本郷が被害者を見ている間、白石は彼女の部屋のウォークインクローゼットを開けて、短い悲鳴を上げていた。備え付けだろうそこには、パッと見ただけではギョッとするほどの、マネキンの首だけが置いてあった。鎖骨あたりより上しかないその発泡スチロール製の首に、写真で見たような黒髪のウィッグが乗せてある。どうやら、白石の推理は見事的中したようだ。だがいささか心臓に悪い。白石は左胸に手をあてて大きく深呼吸して、呼吸を整えてから口を開いた。
「自殺・・・ですかね?」
白石がそう言って本郷を振り返ると、彼は腕を組み、上にした右手を口元に持っていっていた。本郷が考え事をする時のお決まりのポーズである。
「雪くん。今時自殺するのに、わざわざこんな死に方を選ぶと思う?」
くまなく遺体を見ていたはずなのに、遺体は元の通り寸分の狂いもなくそこに横たえられていた。服の皺ひとつ、乱れていないのではないだろうか。

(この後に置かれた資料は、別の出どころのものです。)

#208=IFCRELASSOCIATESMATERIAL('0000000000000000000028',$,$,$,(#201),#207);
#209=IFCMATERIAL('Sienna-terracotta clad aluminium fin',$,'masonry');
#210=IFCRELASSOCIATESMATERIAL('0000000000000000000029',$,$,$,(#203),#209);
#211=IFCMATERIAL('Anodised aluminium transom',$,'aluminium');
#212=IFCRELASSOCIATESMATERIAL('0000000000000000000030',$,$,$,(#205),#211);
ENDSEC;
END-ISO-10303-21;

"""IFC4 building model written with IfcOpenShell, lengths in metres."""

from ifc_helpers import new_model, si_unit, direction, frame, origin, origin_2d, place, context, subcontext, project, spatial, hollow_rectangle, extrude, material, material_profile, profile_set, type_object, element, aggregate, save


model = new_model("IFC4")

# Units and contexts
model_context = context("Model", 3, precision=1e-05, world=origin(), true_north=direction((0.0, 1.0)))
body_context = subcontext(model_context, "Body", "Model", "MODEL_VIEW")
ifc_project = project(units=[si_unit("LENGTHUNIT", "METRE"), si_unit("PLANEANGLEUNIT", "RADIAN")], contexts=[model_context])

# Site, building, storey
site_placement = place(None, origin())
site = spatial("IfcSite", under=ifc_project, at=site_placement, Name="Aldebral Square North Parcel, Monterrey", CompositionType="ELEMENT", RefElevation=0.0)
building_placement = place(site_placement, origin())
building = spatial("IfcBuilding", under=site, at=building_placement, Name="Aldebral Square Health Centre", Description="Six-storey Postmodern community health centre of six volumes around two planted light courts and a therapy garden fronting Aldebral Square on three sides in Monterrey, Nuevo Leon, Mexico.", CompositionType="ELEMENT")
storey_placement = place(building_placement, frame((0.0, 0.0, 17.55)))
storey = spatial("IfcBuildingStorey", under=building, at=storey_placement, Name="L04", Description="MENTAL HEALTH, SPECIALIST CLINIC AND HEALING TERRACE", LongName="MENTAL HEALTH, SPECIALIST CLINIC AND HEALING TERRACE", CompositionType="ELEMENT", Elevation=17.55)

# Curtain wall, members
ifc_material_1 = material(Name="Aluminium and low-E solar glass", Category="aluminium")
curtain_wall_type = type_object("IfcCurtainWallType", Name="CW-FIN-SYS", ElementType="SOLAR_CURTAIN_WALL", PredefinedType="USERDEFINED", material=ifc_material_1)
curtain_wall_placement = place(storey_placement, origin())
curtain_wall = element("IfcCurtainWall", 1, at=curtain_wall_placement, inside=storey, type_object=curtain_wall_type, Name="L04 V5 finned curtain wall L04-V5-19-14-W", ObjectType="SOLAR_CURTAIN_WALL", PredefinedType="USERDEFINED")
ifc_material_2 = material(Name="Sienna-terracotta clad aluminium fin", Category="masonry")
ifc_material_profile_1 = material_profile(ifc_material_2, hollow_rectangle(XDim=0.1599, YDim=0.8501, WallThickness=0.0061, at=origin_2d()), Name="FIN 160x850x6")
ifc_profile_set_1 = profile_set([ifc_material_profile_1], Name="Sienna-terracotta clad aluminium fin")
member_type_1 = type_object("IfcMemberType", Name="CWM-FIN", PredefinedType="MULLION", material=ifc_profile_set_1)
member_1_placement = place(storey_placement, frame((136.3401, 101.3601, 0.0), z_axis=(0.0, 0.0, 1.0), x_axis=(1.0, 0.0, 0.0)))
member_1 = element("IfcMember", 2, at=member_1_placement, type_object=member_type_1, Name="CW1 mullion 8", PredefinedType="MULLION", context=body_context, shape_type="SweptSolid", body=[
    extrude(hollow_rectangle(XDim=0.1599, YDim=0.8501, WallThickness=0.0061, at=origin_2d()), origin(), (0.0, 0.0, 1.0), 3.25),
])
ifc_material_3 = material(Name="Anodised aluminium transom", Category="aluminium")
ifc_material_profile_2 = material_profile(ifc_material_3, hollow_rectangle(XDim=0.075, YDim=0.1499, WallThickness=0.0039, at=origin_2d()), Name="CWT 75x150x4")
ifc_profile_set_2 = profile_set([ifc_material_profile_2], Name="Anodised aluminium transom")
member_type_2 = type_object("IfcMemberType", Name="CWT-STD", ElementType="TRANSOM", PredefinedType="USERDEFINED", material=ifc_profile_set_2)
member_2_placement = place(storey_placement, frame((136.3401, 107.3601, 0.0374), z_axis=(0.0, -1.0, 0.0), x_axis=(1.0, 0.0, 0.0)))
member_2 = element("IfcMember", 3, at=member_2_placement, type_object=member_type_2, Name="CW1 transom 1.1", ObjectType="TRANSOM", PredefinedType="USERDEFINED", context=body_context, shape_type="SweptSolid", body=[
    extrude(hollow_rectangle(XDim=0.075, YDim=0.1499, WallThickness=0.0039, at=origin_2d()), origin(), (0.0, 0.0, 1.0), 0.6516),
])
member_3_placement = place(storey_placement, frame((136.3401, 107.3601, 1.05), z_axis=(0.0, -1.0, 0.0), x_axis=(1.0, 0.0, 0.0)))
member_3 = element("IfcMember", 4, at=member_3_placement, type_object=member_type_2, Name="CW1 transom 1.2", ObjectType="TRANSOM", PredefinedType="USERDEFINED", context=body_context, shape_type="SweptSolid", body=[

「確かに、そうですね。でも衝動的に、って考えたらありえるんじゃないですか?」
「ご丁寧に遺書まで遺しているのに、衝動的か」
ぼそりとそう言いながら、本郷は一通り、グルリ、と部屋の中を物色して歩く。
それにしても、見れば見るほど男性らしいものが見当たらない部屋だ、と白石は思った。ピンク色に金色のハートの描かれたカーテン、薄いピンク色の布団カバーがされたベッド、折り畳み式のテーブルは天板がオレンジ色だが、細かな模様が描かれている。カーペットは今でこそ変色しているが、本来は純白と言えるほどに真っ白だ。部屋の隅には、折り畳み式のテーブルとは別に、学習机より少し小さな机と対の椅子が置かれている。その小さな机には雑貨屋においてありそうな小物が並べられており、机の中央を陣取っているノートパソコンの外装はシルバーとピンクだ。失敬して、衣装ケースの引き出しの中なども開けてみたが、もちろん男性らしい物は見られない。

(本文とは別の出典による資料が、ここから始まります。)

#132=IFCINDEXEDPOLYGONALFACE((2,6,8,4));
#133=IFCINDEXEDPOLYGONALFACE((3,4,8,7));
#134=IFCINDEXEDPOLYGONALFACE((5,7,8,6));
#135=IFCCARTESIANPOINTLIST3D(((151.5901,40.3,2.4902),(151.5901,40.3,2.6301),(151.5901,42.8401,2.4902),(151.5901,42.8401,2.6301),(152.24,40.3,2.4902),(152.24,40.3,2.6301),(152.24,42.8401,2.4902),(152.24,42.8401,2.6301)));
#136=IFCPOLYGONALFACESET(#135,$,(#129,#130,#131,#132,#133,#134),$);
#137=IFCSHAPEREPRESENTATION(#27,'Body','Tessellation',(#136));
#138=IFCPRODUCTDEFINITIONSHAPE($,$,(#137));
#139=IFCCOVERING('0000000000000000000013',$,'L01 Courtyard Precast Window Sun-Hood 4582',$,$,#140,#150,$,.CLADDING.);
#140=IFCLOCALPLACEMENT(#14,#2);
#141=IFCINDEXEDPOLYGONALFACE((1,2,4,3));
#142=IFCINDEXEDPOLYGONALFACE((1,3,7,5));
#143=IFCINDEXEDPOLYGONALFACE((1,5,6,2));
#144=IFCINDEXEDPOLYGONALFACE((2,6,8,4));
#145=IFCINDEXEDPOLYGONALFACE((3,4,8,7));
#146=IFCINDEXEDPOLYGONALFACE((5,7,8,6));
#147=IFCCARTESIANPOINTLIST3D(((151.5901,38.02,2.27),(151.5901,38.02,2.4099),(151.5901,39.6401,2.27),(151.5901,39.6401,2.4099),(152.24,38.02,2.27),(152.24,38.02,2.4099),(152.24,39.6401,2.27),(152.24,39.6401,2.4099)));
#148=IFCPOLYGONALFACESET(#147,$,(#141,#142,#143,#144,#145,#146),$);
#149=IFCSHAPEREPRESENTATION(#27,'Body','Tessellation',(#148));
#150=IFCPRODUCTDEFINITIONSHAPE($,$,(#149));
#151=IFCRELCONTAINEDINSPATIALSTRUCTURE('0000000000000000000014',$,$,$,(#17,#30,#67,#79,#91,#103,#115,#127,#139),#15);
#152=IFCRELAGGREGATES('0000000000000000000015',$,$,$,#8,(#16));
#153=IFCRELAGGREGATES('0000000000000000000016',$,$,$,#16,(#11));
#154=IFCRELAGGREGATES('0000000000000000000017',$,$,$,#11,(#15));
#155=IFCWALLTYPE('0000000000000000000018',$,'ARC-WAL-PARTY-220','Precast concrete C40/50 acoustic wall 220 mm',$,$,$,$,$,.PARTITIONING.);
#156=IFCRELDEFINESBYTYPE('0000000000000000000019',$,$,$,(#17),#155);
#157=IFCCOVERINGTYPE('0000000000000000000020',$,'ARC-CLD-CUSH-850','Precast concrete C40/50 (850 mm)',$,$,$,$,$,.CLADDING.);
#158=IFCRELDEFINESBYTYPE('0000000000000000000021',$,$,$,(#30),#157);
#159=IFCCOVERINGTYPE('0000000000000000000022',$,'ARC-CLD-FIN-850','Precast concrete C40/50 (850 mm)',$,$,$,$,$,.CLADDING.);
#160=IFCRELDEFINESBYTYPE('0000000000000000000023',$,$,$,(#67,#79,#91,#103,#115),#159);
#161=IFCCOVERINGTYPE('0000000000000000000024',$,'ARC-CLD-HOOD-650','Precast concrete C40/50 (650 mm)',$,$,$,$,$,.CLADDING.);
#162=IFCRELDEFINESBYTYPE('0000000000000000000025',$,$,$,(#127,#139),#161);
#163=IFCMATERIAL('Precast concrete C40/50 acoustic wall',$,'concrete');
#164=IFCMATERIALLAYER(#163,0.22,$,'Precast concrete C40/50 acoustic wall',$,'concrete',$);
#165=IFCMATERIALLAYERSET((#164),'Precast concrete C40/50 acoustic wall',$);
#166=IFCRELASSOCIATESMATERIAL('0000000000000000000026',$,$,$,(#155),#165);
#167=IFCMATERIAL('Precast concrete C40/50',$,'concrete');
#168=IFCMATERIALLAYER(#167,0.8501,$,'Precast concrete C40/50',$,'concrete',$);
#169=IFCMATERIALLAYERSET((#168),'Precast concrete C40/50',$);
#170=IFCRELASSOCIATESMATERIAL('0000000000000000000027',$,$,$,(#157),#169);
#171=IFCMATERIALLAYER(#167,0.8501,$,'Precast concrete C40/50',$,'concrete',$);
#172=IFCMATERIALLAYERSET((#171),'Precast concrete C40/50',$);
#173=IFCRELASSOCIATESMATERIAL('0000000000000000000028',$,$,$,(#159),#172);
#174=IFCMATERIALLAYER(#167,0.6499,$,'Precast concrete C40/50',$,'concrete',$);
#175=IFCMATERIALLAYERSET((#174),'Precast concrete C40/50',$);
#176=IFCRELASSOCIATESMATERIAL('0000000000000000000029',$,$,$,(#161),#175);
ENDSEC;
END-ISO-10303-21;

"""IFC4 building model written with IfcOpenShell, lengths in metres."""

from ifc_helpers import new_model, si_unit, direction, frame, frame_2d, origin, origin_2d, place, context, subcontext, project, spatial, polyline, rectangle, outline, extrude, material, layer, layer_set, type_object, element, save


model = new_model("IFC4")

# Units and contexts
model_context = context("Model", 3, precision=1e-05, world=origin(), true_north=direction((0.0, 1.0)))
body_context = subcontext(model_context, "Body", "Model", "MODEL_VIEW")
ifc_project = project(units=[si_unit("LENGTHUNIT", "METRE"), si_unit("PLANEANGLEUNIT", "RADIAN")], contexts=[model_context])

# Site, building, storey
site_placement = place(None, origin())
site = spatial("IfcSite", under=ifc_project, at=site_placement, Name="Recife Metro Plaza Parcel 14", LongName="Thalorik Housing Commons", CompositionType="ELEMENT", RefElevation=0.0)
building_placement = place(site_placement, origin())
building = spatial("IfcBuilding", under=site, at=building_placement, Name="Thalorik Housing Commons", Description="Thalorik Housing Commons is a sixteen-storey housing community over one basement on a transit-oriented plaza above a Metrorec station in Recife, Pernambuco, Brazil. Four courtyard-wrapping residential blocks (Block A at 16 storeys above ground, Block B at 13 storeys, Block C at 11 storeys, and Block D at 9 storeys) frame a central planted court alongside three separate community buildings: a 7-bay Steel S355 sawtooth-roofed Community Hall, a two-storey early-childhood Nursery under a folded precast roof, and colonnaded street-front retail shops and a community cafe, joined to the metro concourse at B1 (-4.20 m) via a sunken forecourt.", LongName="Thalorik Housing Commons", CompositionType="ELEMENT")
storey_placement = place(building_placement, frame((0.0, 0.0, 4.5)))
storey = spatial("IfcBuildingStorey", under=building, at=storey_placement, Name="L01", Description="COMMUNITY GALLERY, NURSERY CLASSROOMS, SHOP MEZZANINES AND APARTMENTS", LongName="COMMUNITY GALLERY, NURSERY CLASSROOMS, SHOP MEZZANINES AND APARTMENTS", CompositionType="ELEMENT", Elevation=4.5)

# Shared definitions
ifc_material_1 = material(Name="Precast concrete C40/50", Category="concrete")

この可愛らしい部屋に横たわっている凄惨な死体だけが、この部屋の主が男性であると告げていた。
「おっと、困ったね」
室外へ出ると、先ほどまでよりも多くのマスコミや野次馬がアパートの周りへ押し寄せていた。東京という大都会ならまだしも、ここはそのさらに北、東北の都会と言われる地である。こんな殺人かも自殺かもはっきりしない事件は、めったに起きるものではない。もちろん、ここまでの捜査では、白石はほぼ自殺ではないかと考えているのだが。

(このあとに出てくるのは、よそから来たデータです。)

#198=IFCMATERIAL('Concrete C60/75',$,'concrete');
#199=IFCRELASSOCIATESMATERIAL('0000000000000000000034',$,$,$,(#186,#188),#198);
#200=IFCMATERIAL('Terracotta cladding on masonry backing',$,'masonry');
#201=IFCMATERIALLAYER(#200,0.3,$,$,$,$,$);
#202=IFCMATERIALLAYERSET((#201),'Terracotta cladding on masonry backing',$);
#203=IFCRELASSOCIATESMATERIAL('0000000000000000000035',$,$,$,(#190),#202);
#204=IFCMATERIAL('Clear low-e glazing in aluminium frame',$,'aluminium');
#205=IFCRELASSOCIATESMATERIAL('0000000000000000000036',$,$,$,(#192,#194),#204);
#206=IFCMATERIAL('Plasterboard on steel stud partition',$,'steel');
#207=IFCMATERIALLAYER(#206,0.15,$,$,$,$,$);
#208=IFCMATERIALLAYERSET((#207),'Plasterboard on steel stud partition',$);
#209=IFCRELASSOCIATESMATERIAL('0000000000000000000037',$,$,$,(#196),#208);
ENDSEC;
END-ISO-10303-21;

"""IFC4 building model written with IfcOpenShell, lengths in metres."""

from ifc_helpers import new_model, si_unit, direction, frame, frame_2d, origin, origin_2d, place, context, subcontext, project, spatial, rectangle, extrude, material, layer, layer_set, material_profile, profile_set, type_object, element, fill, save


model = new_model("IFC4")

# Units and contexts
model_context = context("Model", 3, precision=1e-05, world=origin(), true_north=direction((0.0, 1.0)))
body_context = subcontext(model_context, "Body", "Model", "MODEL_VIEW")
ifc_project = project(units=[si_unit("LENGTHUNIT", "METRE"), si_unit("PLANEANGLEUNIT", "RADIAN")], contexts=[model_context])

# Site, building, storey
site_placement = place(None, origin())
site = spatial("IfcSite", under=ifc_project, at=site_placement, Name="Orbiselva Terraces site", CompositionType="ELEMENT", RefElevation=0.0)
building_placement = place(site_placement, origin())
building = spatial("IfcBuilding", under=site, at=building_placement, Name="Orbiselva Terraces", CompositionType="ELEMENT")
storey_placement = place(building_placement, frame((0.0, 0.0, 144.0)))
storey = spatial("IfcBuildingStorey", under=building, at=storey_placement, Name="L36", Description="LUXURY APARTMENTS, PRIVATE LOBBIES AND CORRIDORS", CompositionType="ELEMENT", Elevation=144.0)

その野次馬たちの輪から少し離れたところ、アパートの外階段下辺りに一人の女性が立っていた。白石が、
「第一発見者の木ノ本瑞樹さん。被害者の親友で、今日の午後から一緒に街―――あっ、駅方面へ出かける予定だったそうです」
と言うが早いか、本郷はもう階段の下に居た。
「すみません。木ノ本瑞樹さんですか?」
「あっ、はい・・・そう、です」
胸より少し下の長さの茶色い髪をゆるく巻いて、眉の上で切り揃えられた前髪もふんわりと巻かれている。白い七分丈のシフォンのシャツに、薄いサーモンピンクのキュロットスカート、上に羽織られているのはベージュのジャケットだ。足元は生足ではなくストッキングに守られ、足には茶色のブーティが履かれている。ジャケットにもブーティにも、付けられるところには付けておきました、と言わんばかりのレースのデザインが、ここぞとばかりに主張していた。
「大槻さんとのご関係は?」
「カホとは彼女の働いている店で出会ったんです。そこから趣味とか服の好みが合っていて、何度か一緒に買い物に行ったり、お互いの悩みを相談したりしていたんです。本当はお店で出会った人とは外であまり会っちゃいけないみたいなんですけど、私は特別だって・・・。それで最近、好きな人が出来たって言っていたんです。医療系の仕事をしている男性で、歳はカホより三つ上、それでえーっと、名前は・・・スミマセン。気が動転してしまって・・・」
落ち着いているように見えても人ひとりが、ましてや親友が亡くなったのである。冷静で居られるわけが無い。本郷の問いかけに対する彼女の言い分も、てんで支離滅裂であった。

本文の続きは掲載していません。